Well, this is CoS, which came out a long time before they decided Ravenloft relied on nightmare logic.

Wasn't a huge fan of some of the nu-Ravenloft changes but I feel like old Ravenloft was always pretty nightmare logic driven. The ability for the setting to defy logic, have a dream-like quality like a lot of Gothic stories, is baked into its cosmology. People are going to disagree on where that leads in terms of content (becomes we will all find some creative choices in that respect lacking or not). While I think cheering for a more realistic Ravenloft is a perfectly valid preference, the setting veering into nightmare logic isn't some recent change (I am less familiar with CoS, so maybe there is something in there people find particularly egregious I am unaware of).
 




Micah Sweet

Level Up & OSR Enthusiast
So gimme a second. Someone is saying that NuRaveloft makes no sense because we have language issues? Seriously? OK.
Mostly we were talking about a lack of farmland to feed its population. Of course, since much of the population is fake now, maybe they dont need to eat.
 

They did decide most of the populace were just empty shells without souls, so this was already starting to become a thing.

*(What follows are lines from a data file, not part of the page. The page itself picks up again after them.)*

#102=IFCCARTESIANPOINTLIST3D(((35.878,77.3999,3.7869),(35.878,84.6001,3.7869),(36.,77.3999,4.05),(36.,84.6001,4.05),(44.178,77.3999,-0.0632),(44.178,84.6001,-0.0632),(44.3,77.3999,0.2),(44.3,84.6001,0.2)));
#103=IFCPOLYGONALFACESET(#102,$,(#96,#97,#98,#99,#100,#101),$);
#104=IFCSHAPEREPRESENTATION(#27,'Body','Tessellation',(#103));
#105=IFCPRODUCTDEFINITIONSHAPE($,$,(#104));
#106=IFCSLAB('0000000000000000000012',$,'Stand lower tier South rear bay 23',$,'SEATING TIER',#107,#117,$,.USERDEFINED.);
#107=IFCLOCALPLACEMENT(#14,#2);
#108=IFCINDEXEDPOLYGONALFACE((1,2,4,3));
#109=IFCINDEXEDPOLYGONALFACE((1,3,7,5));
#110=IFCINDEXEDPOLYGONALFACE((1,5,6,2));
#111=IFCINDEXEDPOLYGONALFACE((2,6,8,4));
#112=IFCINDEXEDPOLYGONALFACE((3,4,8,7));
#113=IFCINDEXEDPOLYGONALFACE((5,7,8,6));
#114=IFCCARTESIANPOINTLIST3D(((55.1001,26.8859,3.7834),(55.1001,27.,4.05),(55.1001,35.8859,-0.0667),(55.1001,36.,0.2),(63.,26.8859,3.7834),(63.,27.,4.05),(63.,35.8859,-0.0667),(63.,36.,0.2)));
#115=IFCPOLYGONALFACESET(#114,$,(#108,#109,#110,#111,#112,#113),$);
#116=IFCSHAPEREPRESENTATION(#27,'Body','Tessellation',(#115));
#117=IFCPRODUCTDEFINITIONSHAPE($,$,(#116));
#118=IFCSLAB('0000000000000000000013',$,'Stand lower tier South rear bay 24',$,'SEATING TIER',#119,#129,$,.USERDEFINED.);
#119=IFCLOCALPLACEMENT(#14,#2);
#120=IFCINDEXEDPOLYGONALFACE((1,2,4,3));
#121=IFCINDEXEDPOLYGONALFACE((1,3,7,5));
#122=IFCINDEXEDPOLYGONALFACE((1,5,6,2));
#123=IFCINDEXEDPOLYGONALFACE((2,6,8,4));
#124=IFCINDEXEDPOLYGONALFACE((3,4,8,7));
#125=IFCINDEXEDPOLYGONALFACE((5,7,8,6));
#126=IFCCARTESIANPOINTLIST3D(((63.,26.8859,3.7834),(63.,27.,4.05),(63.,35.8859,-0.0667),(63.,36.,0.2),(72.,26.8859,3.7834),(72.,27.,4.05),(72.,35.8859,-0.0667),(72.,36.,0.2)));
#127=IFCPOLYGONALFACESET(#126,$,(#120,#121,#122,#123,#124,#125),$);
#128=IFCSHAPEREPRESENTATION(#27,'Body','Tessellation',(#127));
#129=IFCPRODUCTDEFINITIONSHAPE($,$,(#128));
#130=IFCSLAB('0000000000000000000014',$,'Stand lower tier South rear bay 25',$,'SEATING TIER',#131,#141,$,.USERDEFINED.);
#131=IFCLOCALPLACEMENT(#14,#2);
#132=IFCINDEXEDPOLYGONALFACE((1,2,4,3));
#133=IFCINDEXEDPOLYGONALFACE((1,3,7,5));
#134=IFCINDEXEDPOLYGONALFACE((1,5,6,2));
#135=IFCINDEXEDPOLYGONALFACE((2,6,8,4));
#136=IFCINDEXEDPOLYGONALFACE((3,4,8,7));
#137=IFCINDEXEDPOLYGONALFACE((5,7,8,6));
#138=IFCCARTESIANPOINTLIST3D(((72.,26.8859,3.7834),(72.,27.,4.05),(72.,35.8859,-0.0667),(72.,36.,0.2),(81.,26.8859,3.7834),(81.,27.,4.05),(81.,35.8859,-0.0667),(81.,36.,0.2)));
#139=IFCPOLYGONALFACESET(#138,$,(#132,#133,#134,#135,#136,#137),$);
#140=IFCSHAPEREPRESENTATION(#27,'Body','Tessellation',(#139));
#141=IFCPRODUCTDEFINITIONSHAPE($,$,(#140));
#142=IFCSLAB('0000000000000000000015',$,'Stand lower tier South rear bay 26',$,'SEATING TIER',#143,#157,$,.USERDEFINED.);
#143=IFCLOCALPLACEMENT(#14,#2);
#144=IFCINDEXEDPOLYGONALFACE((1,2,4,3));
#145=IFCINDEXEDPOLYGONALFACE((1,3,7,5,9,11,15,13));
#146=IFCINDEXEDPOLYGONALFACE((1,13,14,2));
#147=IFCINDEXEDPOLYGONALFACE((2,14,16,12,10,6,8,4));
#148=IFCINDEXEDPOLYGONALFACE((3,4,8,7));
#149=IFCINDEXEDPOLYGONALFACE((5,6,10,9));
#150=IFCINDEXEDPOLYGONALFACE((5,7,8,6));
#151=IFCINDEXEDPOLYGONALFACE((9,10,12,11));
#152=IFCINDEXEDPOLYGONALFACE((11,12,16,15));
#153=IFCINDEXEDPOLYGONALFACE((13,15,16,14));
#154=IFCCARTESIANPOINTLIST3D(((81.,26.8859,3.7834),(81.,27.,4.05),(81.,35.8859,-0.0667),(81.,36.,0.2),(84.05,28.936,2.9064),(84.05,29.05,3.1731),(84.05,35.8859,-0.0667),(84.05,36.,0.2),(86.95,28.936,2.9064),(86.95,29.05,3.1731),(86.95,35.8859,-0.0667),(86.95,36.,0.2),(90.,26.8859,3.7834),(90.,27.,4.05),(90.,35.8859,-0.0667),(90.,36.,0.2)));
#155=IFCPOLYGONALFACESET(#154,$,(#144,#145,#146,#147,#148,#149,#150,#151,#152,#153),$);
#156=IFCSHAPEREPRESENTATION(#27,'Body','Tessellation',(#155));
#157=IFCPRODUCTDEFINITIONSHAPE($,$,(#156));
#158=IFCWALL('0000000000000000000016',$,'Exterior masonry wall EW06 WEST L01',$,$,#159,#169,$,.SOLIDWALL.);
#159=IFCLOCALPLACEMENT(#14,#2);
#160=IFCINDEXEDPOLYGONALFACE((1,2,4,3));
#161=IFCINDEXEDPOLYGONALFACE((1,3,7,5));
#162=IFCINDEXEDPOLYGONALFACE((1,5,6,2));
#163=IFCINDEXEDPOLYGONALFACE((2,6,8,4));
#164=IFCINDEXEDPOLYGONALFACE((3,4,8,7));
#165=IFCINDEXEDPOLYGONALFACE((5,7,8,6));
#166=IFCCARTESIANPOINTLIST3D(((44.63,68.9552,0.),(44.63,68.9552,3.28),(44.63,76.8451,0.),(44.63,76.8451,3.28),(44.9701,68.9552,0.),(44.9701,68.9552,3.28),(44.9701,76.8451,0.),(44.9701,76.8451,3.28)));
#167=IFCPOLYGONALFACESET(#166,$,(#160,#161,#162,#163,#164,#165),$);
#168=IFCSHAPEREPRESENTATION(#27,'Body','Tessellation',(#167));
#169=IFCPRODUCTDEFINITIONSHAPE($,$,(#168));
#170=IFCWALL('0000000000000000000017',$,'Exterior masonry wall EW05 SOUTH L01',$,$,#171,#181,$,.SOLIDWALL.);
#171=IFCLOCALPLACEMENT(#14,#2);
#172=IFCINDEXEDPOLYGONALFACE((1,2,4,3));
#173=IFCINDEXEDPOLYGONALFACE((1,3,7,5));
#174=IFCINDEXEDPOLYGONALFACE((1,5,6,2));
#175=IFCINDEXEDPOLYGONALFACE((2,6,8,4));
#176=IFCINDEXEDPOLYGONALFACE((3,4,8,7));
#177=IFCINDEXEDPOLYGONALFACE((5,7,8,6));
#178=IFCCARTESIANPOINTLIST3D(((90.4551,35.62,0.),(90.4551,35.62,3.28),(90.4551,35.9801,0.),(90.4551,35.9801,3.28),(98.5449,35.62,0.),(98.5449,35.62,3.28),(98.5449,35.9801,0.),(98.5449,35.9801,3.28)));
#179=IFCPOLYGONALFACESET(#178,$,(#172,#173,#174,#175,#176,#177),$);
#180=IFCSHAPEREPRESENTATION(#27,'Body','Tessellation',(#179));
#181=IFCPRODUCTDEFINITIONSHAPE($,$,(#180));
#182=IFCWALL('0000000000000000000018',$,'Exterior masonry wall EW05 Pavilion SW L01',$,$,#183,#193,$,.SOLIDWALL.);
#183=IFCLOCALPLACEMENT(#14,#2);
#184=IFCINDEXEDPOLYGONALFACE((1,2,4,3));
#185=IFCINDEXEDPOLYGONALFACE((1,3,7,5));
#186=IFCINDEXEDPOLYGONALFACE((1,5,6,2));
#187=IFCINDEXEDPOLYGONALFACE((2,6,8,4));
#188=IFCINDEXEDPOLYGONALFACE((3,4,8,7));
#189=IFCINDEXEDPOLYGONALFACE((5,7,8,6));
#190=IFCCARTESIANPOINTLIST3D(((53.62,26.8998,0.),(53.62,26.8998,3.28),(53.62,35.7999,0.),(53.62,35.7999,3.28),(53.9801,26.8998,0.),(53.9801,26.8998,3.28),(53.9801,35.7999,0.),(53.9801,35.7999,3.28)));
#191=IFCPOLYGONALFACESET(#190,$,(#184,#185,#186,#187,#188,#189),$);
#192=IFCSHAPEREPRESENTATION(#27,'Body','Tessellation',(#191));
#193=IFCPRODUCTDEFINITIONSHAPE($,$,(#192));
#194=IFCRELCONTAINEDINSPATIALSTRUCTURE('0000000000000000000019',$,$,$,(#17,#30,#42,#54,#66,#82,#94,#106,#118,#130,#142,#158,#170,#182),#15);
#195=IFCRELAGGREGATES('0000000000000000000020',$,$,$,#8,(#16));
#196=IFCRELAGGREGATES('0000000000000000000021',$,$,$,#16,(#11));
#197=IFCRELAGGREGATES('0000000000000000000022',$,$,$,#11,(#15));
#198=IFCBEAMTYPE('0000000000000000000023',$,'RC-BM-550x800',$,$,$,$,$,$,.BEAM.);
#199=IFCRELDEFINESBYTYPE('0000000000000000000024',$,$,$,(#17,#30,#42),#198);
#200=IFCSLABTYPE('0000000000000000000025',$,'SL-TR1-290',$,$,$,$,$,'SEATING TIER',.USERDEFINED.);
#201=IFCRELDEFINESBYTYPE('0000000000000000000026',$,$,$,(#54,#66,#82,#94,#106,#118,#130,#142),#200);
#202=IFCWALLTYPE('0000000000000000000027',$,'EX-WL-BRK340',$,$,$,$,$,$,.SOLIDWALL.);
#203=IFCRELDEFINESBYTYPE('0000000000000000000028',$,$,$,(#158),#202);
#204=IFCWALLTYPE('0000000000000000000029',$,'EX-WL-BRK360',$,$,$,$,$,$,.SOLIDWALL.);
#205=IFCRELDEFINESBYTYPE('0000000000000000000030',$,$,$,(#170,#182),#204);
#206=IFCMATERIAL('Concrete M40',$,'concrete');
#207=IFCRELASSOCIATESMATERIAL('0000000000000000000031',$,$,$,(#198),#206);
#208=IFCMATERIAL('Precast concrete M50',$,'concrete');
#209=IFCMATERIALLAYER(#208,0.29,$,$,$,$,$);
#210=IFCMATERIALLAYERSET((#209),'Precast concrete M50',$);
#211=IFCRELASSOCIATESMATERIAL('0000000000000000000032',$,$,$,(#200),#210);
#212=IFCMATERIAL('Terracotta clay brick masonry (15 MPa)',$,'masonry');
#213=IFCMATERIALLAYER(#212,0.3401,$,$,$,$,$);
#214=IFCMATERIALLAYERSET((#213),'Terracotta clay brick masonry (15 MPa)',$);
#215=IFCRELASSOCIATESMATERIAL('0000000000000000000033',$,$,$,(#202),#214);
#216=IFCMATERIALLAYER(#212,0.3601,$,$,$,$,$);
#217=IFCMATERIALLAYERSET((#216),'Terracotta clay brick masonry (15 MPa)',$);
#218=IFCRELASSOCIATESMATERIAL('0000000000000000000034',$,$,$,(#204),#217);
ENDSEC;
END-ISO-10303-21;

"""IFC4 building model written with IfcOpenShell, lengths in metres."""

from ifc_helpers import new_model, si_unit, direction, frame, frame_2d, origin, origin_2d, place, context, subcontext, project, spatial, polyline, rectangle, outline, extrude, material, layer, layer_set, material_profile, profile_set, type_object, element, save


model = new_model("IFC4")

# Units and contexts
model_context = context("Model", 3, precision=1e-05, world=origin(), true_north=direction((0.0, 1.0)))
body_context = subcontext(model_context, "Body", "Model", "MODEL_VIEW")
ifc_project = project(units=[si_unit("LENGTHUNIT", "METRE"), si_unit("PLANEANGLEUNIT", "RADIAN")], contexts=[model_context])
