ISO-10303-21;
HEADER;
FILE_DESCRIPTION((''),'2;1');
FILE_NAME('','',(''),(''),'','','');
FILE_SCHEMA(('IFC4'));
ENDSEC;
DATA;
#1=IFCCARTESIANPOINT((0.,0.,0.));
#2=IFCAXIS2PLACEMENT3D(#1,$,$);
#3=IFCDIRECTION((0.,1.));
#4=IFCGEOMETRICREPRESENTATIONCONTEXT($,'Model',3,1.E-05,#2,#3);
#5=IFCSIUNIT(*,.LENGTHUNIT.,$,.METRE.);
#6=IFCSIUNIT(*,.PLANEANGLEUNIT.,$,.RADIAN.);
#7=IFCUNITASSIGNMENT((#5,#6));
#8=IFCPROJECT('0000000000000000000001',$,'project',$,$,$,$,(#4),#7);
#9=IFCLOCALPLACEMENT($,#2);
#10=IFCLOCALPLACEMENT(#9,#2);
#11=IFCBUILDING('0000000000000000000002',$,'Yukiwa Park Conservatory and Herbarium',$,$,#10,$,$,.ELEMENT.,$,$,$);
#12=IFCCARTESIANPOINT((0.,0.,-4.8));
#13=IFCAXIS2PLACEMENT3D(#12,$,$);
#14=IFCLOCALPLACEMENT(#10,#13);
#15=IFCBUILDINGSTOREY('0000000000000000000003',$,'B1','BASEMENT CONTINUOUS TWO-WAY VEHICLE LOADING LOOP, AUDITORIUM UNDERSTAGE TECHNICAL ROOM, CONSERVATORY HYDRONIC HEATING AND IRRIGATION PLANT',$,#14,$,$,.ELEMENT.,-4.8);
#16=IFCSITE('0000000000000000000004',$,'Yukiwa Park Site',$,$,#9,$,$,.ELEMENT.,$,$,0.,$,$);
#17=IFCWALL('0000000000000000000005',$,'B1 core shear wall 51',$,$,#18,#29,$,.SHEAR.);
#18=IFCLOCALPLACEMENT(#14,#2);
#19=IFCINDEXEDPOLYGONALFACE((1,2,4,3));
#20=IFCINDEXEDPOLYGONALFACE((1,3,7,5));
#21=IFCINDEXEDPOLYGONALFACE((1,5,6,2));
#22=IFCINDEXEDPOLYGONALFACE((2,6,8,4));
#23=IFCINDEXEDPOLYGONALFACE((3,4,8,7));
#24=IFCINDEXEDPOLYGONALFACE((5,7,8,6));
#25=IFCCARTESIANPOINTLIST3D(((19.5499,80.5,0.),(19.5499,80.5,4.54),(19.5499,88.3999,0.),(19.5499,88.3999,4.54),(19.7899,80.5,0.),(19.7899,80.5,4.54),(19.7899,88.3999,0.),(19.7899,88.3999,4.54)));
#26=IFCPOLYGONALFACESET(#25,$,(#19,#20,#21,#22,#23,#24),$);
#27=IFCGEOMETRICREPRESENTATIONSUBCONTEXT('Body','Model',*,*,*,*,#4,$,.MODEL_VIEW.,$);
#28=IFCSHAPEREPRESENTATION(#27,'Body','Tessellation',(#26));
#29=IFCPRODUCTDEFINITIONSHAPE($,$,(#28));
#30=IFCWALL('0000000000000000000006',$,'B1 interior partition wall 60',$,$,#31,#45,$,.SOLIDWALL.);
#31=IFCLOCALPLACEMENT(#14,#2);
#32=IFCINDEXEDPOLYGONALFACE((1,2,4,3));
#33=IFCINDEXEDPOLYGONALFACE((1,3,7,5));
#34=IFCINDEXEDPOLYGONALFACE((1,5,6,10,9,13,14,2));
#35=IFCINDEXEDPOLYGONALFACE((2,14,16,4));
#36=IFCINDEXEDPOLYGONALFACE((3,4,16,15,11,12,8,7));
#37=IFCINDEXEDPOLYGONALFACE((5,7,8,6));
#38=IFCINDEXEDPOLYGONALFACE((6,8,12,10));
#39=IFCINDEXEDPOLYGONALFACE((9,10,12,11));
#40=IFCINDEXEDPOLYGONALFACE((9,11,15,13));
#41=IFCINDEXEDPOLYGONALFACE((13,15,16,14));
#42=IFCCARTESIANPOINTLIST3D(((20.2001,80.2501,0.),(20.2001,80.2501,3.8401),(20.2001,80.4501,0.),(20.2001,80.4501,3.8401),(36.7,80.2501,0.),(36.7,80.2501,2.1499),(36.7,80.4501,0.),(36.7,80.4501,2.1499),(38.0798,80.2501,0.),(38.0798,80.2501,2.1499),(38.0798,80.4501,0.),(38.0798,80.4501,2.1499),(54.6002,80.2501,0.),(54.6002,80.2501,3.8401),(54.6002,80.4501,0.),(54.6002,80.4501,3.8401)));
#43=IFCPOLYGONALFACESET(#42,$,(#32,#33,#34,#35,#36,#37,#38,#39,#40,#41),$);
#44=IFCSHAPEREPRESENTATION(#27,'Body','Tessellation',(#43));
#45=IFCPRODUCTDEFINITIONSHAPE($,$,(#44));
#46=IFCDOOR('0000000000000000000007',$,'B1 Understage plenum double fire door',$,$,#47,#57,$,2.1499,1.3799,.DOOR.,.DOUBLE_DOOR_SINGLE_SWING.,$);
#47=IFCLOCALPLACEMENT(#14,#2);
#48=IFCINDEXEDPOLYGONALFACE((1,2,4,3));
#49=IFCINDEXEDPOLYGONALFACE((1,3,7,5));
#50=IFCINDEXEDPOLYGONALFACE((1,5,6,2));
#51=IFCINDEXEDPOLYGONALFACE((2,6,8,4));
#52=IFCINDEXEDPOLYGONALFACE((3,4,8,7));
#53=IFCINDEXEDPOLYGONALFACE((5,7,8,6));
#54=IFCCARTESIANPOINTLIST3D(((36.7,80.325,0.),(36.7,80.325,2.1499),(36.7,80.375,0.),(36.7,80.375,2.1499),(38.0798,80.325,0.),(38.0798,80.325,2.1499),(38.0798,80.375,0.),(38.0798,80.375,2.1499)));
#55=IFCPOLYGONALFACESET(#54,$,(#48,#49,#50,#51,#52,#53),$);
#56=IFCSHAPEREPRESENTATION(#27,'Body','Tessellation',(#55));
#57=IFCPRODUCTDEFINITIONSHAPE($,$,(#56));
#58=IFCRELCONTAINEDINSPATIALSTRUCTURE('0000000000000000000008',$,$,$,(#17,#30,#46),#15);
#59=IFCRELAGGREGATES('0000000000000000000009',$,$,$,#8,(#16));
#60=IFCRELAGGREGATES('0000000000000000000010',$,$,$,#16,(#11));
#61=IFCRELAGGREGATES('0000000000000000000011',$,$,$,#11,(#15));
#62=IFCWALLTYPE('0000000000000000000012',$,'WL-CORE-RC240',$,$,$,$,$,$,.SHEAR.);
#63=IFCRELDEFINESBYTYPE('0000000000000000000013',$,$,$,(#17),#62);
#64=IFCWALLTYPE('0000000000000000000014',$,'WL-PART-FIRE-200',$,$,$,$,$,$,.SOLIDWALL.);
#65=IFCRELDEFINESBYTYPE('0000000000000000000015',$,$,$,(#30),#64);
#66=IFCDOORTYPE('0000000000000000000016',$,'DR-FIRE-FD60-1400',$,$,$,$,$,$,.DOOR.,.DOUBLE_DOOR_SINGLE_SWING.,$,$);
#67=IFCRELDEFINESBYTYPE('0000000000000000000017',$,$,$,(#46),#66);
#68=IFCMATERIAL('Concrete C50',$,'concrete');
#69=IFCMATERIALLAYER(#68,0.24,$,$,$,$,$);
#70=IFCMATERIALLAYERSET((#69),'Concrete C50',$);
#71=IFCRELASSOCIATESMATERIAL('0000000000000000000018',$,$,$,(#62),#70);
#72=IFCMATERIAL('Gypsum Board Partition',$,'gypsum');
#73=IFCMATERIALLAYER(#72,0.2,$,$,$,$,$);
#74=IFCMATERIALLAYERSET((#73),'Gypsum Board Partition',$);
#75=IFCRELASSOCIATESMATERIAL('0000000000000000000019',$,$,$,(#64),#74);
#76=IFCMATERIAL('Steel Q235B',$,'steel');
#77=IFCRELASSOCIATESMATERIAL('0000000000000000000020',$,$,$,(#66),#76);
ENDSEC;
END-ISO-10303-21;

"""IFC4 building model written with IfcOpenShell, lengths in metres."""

from ifc_helpers import new_model, si_unit, direction, frame, frame_2d, origin, place, context, subcontext, project, spatial, rectangle, extrude, material, layer, layer_set, type_object, element, fill, save


model = new_model("IFC4")

# Units and contexts
model_context = context("Model", 3, precision=1e-05, world=origin(), true_north=direction((0.0, 1.0)))
body_context = subcontext(model_context, "Body", "Model", "MODEL_VIEW")
ifc_project = project(units=[si_unit("LENGTHUNIT", "METRE"), si_unit("PLANEANGLEUNIT", "RADIAN")], contexts=[model_context])

# Site, building, storey
site_placement = place(None, origin())
site = spatial("IfcSite", under=ifc_project, at=site_placement, Name="Yukiwa Park Site", CompositionType="ELEMENT", RefElevation=0.0)
building_placement = place(site_placement, origin())
building = spatial("IfcBuilding", under=site, at=building_placement, Name="Yukiwa Park Conservatory and Herbarium", CompositionType="ELEMENT")
storey_placement = place(building_placement, frame((0.0, 0.0, -4.8)))
storey = spatial("IfcBuildingStorey", under=building, at=storey_placement, Name="B1", Description="BASEMENT CONTINUOUS TWO-WAY VEHICLE LOADING LOOP, AUDITORIUM UNDERSTAGE TECHNICAL ROOM, CONSERVATORY HYDRONIC HEATING AND IRRIGATION PLANT", CompositionType="ELEMENT", Elevation=-4.8)

# Wall
ifc_material_1 = material(Name="Concrete C50", Category="concrete")
ifc_layer_1 = layer(ifc_material_1, 0.24)
ifc_layer_set_1 = layer_set([ifc_layer_1], Name="Concrete C50")
wall_type_1 = type_object("IfcWallType", Name="WL-CORE-RC240", PredefinedType="SHEAR", material=ifc_layer_set_1)
wall_1_placement = place(storey_placement, frame((19.6699, 80.5, 0.0), z_axis=(0.0, 0.0, 1.0), x_axis=(0.0, 1.0, 0.0)))
element("IfcWall", 1, at=wall_1_placement, inside=storey, type_object=wall_type_1, Name="B1 core shear wall 51", PredefinedType="SHEAR", context=body_context, shape_type="SweptSolid", body=[
    extrude(rectangle(XDim=7.8999, YDim=0.24, at=frame_2d((3.95, 0.0))), origin(), (0.0, 0.0, 1.0), 4.54),
])

# Wall, opening, door
ifc_material_2 = material(Name="Gypsum Board Partition", Category="gypsum")
ifc_layer_2 = layer(ifc_material_2, 0.2)
ifc_layer_set_2 = layer_set([ifc_layer_2], Name="Gypsum Board Partition")
wall_type_2 = type_object("IfcWallType", Name="WL-PART-FIRE-200", PredefinedType="SOLIDWALL", material=ifc_layer_set_2)
wall_2_placement = place(storey_placement, frame((20.2, 80.3501, 0.0), z_axis=(0.0, 0.0, 1.0), x_axis=(1.0, 0.0, 0.0)))
wall_2 = element("IfcWall", 2, at=wall_2_placement, inside=storey, type_object=wall_type_2, Name="B1 interior partition wall 60", PredefinedType="SOLIDWALL", context=body_context, shape_type="SweptSolid", body=[
    extrude(rectangle(XDim=34.4001, YDim=0.2, at=frame_2d((17.2002, 0.0))), origin(), (0.0, 0.0, 1.0), 3.8401),
])
opening_placement = place(wall_2_placement, frame((16.5, 0.0, 0.0)))
opening = element("IfcOpeningElement", 3, at=opening_placement, cuts=wall_2, PredefinedType="OPENING", context=body_context, shape_type="SweptSolid", body=[
    extrude(rectangle(XDim=1.3799, YDim=2.1499, at=frame_2d((0.6899, 1.075))), frame((0.0, 0.1099, 0.0), z_axis=(0.0, -1.0, 0.0), x_axis=(1.0, 0.0, 0.0)), (0.0, 0.0, 1.0), 0.22),
])
ifc_material_3 = material(Name="Steel Q235B", Category="steel")
door_type = type_object("IfcDoorType", Name="DR-FIRE-FD60-1400", OperationType="DOUBLE_DOOR_SINGLE_SWING", PredefinedType="DOOR", material=ifc_material_3)
door_placement = place(opening_placement, origin())
door = element("IfcDoor", 4, at=door_placement, inside=storey, type_object=door_type, Name="B1 Understage plenum double fire door", OperationType="DOUBLE_DOOR_SINGLE_SWING", OverallHeight=2.1499, OverallWidth=1.3799, PredefinedType="DOOR", context=body_context, shape_type="SweptSolid", body=[
    extrude(rectangle(XDim=1.3799, YDim=2.1499, at=frame_2d((0.6899, 1.075))), frame((0.0, 0.0249, 0.0), z_axis=(0.0, -1.0, 0.0), x_axis=(1.0, 0.0, 0.0)), (0.0, 0.0, 1.0), 0.05),
])
fill(opening, door)

save(model, "model.ifc")
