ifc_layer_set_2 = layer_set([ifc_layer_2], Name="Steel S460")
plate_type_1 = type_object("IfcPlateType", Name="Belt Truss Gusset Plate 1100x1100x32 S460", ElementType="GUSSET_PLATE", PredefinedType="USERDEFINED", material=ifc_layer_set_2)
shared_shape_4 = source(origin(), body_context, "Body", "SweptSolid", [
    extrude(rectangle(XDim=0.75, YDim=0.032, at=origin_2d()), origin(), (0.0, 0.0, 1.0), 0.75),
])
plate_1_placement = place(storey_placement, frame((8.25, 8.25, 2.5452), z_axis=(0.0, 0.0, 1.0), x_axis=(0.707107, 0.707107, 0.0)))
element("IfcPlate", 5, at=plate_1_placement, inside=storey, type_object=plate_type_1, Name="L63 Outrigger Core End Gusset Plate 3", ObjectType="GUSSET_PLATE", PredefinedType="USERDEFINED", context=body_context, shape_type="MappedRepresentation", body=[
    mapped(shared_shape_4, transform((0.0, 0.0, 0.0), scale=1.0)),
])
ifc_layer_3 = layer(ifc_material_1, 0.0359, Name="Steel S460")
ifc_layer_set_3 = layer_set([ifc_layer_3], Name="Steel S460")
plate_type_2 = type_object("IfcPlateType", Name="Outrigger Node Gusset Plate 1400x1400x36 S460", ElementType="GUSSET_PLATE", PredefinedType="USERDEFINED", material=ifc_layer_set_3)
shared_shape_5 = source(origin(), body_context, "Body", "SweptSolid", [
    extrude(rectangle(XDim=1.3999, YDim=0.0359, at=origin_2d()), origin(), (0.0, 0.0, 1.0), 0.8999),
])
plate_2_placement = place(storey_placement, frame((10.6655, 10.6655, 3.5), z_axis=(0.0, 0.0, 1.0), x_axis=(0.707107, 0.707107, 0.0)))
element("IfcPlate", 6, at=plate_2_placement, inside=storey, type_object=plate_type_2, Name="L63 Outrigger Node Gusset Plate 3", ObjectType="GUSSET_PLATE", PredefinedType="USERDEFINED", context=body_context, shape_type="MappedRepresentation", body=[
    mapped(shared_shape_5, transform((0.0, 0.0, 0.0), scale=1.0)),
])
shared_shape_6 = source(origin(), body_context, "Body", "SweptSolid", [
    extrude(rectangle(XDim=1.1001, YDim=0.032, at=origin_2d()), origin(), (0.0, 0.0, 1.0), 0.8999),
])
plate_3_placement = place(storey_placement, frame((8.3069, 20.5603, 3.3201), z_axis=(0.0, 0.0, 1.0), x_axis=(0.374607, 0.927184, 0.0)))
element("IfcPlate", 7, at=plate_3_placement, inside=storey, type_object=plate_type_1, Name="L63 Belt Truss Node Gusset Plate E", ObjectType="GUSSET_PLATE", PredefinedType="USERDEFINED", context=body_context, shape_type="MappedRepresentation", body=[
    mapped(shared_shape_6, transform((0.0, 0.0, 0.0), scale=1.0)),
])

This has long been one interpretation of Ravenloft. Because the dark powers create whole domains in an instant, populated with people and ancient ruins, yet it’s history only goes back centuries, that has been a viable contention (typically in older Ravenlift products the tendency is to ask questions and not answer them: something I think works better than answering them). Personally I am not as into the empty shell thing. It is pretty in keeping with existing lore and speculation in the books though.
 

Mostly we were talking about a lack of farmland to feed its population. Of course, since much of the population is fake now, maybe they dont need to eat.
I get this complaint with a setting like HARN, but never understood it with ravenloft. Also the map has plenty of space for implied farmland. If you look at the maps of settlements many of them have farmland and homesteads and farms while not keyed on the map, are I think presumed to exist. But fundamentally it is a gothic world of dreams and nightmares. Counting grain to make sure the world building achieved some kind of realism just isn’t the genre it belongs to. People can prefer that, they can like it. Some later books veered into (though not by a lot, when you consider that the WW books for example stated that Ravenlift doesn’t have fixed distance (a journey that takes 1 day on Thursday may take 5 on Sunday because the labs is always changing). Even DoD seemed more about creating consistency in terms of tech levels and language—-and bringing in more dark fantasy (but you could still have a domain in the Stone Age next to one in the Renaissance period)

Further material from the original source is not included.